Renaissance to 19th century

Niccolò Machiavelli

The origins of Italian nationalism have been traced to the Renaissance where Italy led a European revival of classical Greco-Roman style of culture, philosophy, and art.[2] Italian Nationalism first developed not among the general populace but among the intellectual elites of various Italian states. In 1344 Petrarch wrote the famous patriotic canzone “Italia mia” (Rime 128), in which he railed against the warring petty lords of Italy for having yielded the country up to barbarian German fury (ʻla tedesca rabbia’, line 35) and called for peace and unification. Around the same time, Cola di Rienzo attempted to unite the whole of Italy under the hegemony of Rome. In 1347 he assumed the title of “Libertatis, Pacis Iustitiaeque Tribunus, et Sacrae Romanae Rei Publicae Liberator.” Petrarch hailed him in his famous song “Spirto gentil che quelle membra reggi” as the reincarnation of the classical spirit.[5]

In 1454, representatives from all the regional states of Italy met in Lodi to sign the treaty known as the peace of Lodi, by which they intended to pursue Italian unification. The status quo established at Lodi lasted until 1494, when French troops intruded into Italian affairs under Charles VIII, initiating the Italian Wars.

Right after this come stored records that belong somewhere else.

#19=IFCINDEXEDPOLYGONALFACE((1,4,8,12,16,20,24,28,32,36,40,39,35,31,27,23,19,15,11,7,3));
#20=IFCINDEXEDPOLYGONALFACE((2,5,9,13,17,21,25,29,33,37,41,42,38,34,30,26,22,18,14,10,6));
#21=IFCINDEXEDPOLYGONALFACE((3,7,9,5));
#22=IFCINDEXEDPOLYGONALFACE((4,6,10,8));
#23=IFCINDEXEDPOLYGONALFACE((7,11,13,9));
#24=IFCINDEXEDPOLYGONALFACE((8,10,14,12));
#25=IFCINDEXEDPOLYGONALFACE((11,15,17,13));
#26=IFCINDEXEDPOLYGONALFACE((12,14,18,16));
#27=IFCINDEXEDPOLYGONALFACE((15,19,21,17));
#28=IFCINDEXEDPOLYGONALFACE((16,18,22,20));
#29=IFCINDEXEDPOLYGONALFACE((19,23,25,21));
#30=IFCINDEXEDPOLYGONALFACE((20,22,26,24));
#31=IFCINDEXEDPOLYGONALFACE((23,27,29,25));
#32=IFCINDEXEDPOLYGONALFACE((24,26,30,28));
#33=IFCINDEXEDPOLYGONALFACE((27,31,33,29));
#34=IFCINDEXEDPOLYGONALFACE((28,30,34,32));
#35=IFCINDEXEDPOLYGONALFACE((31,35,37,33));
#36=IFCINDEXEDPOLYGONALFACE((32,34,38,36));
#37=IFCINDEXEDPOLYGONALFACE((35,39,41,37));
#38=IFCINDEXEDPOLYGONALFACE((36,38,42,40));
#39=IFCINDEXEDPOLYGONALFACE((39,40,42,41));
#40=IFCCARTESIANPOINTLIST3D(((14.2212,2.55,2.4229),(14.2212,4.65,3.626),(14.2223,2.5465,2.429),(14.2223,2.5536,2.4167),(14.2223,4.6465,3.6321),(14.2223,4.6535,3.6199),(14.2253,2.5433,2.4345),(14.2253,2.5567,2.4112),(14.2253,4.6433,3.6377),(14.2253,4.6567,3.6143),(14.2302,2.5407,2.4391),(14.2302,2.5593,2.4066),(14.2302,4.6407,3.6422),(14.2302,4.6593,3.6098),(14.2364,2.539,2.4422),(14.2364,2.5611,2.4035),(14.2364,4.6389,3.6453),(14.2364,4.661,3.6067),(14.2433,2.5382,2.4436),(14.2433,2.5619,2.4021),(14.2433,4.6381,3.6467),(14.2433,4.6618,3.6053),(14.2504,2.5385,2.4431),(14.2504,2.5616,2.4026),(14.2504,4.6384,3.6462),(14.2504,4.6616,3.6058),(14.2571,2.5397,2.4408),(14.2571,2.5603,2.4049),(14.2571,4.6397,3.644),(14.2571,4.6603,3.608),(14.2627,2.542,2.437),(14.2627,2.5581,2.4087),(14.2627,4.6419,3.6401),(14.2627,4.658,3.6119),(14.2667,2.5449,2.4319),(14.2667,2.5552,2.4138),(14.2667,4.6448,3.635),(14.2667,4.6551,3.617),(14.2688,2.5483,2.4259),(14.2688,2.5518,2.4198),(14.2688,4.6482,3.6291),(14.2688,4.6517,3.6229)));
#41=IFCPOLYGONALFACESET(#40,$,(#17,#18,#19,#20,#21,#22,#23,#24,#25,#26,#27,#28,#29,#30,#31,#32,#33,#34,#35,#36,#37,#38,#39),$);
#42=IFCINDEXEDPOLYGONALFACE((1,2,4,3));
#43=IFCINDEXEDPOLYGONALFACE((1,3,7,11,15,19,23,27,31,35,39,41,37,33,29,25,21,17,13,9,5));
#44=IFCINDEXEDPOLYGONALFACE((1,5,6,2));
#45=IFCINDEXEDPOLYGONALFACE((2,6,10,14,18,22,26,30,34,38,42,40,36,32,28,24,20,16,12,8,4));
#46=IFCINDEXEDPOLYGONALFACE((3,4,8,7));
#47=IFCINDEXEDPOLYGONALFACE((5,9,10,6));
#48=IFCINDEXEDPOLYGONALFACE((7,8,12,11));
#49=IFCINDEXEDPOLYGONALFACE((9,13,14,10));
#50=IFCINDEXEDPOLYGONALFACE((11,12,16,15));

The Renaissance-era diplomat and political theorist Niccolò Machiavelli, in his work The Prince (1532), appealing to Italian patriotism urged Italians "to seize Italy and free her from the Barbarians", by which he referred to the foreign powers occupying the Italian peninsula.[6] Machiavelli quoted four verses from Petrarch's “Italia mia”, which looked forward to a political leader who would unite Italy.[7]

During the Italian Wars Pope Julius II (1503–1513) made every effort to forge Italian alliances to drive the enemy – in his time the French – out of the country. And although his rallying cry fuori i barbari (‘Put the barbarians out!’) is probably apocryphal, it very neatly sums up the feeling of many Italians.[8] In his treatise Discorso sopra il concilio che si ha da fare, e sopra la unione d'Italia, published in 1566, Girolamo Muzio, a prominent man of letters of the mid-1500s, advocated for the first time the political unification of Italy.[9]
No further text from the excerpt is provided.